栗城史多×安藤美冬 【第2回】
「苦しいエベレスト挑戦もみんなで楽しみたい」
すべてをリアルタイムで伝える登山家が目指す夢

栗城史多さん(登山家)と安藤美冬さん(spree代表取締役/フリーランス)

第1回はこちらをご覧ください。

僕はナルシストなんでしょうね

安藤: 栗城さんの中で、一人の30歳の男性である「僕」と、登山家である「栗城」が両立しているのは、わかる部分もあるんです。人間というのは多面的な存在だから、時によって、場合によって、あるいは所属しているコミュニティによって、複数のペルソナ(人格)を使い分けながら生きていますよね。

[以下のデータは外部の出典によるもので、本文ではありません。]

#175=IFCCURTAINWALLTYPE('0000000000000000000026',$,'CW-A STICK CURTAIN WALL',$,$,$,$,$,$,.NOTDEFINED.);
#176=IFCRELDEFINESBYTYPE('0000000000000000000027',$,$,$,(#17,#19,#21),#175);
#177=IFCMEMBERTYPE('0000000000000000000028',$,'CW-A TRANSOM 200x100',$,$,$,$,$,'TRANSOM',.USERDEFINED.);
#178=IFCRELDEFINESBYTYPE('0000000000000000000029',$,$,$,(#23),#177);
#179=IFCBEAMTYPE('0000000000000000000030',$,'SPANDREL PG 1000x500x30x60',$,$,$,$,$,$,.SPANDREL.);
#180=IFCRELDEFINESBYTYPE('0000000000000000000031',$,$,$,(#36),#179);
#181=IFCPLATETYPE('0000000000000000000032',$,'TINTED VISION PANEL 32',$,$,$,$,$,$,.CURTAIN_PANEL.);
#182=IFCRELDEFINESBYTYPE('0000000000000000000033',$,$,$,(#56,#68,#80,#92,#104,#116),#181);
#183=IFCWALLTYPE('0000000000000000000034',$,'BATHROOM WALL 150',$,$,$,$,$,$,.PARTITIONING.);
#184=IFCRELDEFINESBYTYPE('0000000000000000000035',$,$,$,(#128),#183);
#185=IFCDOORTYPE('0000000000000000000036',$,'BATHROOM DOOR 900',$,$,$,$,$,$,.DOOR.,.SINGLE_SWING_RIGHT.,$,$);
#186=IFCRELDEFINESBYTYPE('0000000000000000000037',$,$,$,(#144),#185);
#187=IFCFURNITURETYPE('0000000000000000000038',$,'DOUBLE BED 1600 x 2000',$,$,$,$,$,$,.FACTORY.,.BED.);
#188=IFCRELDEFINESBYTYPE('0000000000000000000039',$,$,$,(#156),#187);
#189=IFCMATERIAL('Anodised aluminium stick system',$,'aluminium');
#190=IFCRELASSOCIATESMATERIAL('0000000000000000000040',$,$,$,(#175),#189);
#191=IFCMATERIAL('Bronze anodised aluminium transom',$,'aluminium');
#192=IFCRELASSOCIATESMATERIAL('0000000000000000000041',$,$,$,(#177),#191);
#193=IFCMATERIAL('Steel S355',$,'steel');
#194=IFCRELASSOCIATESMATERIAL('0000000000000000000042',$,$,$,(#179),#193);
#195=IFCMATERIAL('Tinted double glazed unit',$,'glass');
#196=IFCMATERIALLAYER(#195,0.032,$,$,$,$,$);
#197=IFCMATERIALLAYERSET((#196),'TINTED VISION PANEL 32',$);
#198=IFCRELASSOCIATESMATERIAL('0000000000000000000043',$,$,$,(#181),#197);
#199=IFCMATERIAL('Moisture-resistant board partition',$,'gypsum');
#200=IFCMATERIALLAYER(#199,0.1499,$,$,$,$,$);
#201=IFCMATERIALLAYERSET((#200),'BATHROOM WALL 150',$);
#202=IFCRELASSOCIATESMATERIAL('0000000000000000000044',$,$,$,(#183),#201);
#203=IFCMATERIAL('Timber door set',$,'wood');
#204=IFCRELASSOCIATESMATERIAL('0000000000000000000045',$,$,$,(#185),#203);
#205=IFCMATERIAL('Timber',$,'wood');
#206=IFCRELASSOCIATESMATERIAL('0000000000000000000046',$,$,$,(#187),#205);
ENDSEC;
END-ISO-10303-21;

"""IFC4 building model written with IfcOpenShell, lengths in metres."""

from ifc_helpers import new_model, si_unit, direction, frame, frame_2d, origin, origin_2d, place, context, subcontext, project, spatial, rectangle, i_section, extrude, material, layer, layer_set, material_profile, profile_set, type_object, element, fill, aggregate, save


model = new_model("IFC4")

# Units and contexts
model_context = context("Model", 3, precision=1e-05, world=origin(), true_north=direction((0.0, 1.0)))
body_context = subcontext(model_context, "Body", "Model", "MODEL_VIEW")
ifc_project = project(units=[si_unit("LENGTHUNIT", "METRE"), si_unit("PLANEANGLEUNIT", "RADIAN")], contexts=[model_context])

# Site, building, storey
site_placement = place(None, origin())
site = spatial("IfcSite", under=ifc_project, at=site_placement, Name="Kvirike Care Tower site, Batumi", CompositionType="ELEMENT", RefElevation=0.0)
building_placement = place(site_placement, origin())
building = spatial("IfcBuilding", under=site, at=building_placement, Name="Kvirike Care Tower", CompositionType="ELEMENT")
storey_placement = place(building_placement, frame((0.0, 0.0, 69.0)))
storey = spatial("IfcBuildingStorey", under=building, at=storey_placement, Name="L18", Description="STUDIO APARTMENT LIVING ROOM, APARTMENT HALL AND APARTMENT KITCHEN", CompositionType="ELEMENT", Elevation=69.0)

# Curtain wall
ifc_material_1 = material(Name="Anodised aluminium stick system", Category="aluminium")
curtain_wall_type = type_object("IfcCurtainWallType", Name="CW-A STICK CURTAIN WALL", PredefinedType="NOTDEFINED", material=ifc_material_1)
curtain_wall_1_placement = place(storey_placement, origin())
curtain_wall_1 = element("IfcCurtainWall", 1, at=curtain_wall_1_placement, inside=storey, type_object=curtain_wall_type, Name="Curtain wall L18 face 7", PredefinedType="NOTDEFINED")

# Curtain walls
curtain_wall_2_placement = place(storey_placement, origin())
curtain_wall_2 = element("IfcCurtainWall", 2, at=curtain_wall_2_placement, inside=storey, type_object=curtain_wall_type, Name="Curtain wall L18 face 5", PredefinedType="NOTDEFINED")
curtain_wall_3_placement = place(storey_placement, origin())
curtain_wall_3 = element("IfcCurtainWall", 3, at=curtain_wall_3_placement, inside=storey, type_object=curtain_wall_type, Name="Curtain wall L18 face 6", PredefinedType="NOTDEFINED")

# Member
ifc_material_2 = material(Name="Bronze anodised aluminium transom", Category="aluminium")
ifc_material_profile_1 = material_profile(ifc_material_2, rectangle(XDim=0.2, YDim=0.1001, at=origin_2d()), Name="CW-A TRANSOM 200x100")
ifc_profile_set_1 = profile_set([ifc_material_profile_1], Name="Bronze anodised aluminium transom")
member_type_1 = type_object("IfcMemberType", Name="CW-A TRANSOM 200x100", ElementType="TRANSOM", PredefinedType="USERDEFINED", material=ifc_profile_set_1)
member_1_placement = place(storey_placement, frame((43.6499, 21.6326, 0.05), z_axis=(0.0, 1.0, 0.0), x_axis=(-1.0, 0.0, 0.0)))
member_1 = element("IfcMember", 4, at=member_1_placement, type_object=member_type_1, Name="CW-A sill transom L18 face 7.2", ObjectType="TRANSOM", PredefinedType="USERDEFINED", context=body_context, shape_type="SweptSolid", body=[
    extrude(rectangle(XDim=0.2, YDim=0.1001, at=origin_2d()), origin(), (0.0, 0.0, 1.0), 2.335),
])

栗城さんもそういうことはないですか?

栗城: 僕の場合、あまりないと思います。昔、野口健さん(登山家)の『落ちこぼれてエベレスト』という本を読んだんですが、その中に、野口さんがお父さんから「お前は野口健として生きろ」と言われる場面がある。この言葉はカッコいいな、素敵だなと思いましたね。「どこどこの誰々」とか「これこれの仕事をしている誰々」ではなくて、「野口健」として生きろという。

 僕も「どこどこの栗城」ではなくて、ずっと「栗城史多」として生きていきたいという思いを強く持っているので、そういう部分がふと出るのかもしれません。

安藤: 「僕」から「栗城」へ、スイッチのように変わるんですね。「栗城スイッチ」みたいな。

栗城: いや、単なるナルシストなんでしょうね(笑)。でも、生きている限り、「栗城史多」としてあり続けるのでなければ、楽しく面白い人生にはならないと思います。